The simulator is ready and running first simulations of my CPU, proving for the first time that the envisioned mesh of wires and chips may actually work. Writing the simulator was not easy, but I think it was a great exercise. Not using Verilog for this purpose was not a bad idea at all.
The CPU simulator is a custom C++ application, with slightly above 100kB of source code now. It models the design down to the level of a single logic gate and wire, taking into account timing (device propagation delays, to be more specific). It is based on a very simple recursive principle. Whenever a signal is driven to a wire, all devices whose inputs are tied to this wire are notified to do their job (but synchronous devices are only notified on clock edges). The devices’ job is to perform some logic and assert their outputs with a propagation delay. As there are some wires tied to these outputs, signals are driven to them, and are propagated down the path. The cycle starts with a clock tick on a clock wire, and finishes when there are no more devices to be notified (no new values are asserted to any of the wires). You may be thinking now that this must be awfully slow, and you are right. It takes about 1 real-time second to compute a single machine clock cycle in most complex cases, but at least it works. At some point I may decide to replace gate-level descriptions with their higher order representations (e.g. the behavior of a whole control module, or at least its major components could be reflected by a behavioral description, while still exposing the some “pins” to the rest of the machine). This will certainly speed up the simulation, yet at the expense of model fidelity.

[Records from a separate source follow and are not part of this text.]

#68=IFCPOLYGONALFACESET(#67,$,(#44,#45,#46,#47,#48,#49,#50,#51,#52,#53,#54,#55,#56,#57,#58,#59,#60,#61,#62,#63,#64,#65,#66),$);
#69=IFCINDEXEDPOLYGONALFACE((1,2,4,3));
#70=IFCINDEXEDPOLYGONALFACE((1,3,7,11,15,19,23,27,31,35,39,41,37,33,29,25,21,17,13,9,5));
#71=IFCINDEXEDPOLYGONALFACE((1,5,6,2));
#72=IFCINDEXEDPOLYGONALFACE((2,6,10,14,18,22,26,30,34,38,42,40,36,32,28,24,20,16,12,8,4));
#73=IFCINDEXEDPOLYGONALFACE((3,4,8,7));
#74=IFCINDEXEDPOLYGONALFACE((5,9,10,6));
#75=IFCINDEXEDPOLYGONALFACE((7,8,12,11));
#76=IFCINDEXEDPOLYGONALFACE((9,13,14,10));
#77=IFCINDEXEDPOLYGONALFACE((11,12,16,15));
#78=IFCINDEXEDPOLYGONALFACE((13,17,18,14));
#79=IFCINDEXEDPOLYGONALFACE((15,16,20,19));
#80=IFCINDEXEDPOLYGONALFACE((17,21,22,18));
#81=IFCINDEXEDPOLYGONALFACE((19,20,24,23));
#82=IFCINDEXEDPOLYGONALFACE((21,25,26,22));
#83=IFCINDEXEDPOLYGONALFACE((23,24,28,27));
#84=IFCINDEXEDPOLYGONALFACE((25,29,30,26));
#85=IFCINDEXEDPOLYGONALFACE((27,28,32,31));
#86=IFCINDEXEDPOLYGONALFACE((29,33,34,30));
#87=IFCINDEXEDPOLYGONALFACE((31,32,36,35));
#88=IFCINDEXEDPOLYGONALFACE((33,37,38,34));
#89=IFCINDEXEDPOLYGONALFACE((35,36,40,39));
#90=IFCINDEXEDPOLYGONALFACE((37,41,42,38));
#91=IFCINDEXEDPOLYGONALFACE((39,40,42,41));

Constructing the simulator, at first I developed a class framework for three-state logic, synchronous and asynchronous logic devices and wires. My mistake (resulting from laziness, as I cannot find any other explanation at this moment) was not to implement busses similar to those in Verilog (collections of wires) which later forced me to provide lengthy lists of wires as arguments. Maybe I will correct my mistake one day, maybe not. The framework provides a logic probe class, which allows me to tap into a wire or multiple wires in the machine description and display signal values at arbitrary simulation times for debugging purpose.
Having completed the framework, I implemented a couple dozen specific 74-series TTL devices (selected gates, encoders, decoders, multiplexers, the ALU), memories (SRAM, EPROMS) and other devices (power source providing me with wires of VCC and GND for hardwiring, the oscillator and reset signal generator).
Finally, I took the devices, the framework and modeled the machine down to the lowest component detail. This was the hard part. I was constantly finding bugs in the framework, in specific devices code, and in the model. There were (and I am pretty sure there still are) bugs in the microcode. It took some tough debugging until I finally obtained a first simple computation. Fortunately, apart from some minor issues, I haven’t encountered any serious conceptual flaws in the overall design.
The most obvious conclusion of initial simulation is that the machine actually has a chance to work when built. I am pretty sure that the control subsystem works, registers, ALU and data paths all seem to be all right at this point. I also used the simulator’s timing information to measure timing critical path which is about 600ns with worst case propagation delay assumptions for the slowest 74LS devices. With this result, theoretically I should be able to run the machine at ~1.6MHz. By using some 74F-type chips on the critical path I hope to manage to do 2MHz or faster, which is what I had expected.
To prove that I am not making things up, below is my first simulation example. A simple program will compute an integer sum of 1+2+…+5. We are expecting a result of decimal 15, or 0x0F in hex. First, the source code, along with hand assembled binary:
ld x, 1 // 2b 01 xor y, y // b0 loop: mov a, x // 02 add a, x // 6f mov y, a // 08 add x, 1 // c1 01 mov a, x // 02 cmp a, 5 // c5 05 jle loop // d7 ff f5 halt // 01
The simulator outputs debug information after each clock cycle, for each active logic probe, values of all machine registers, and status flags. Here is a screenshot of the simulation’s final cycles, before the machine comes to a halt (opcode 01) in cycle #73. The value in register Y clearly indicates a correct result of summation, which is hexadecimal 0x000F.
Full simulation dump is here.
Now I need to think about getting some kind of assembler. Hand assembling test routines is not really my hobby. I will look for something readily available and see what it would take to port it. I don’t want to spend much time on it at this point, so if it turns out a complex task I will probably write my own. A simple absolute, one-pass assembler generating plain binary will do for the beginning. It should be fairly easy to implement. Ultimately, I will definitely need a full-blown assembler (macro assembler, maybe) and linker.
I will also prepare a test covering each of my instructions, assemble and run it back and forth to eliminate as many microcode bugs as possible. After all, it is one of the reasons why I have developed the simulator.
Then I will definitely return to design and make final decisions on two remaining aspects – the memory subsystem organization for virtual memory, and faults and interrupts mechanisms. Of course, this needs to be simulated, too.
The simulator in its current version is available for download here (this time it is a Visual C++ 6.0 project). I have also published the new microcode source after having several bugs fixed and the new microcode assembler (fixed a nasty bug in Intel HEX file generation routine).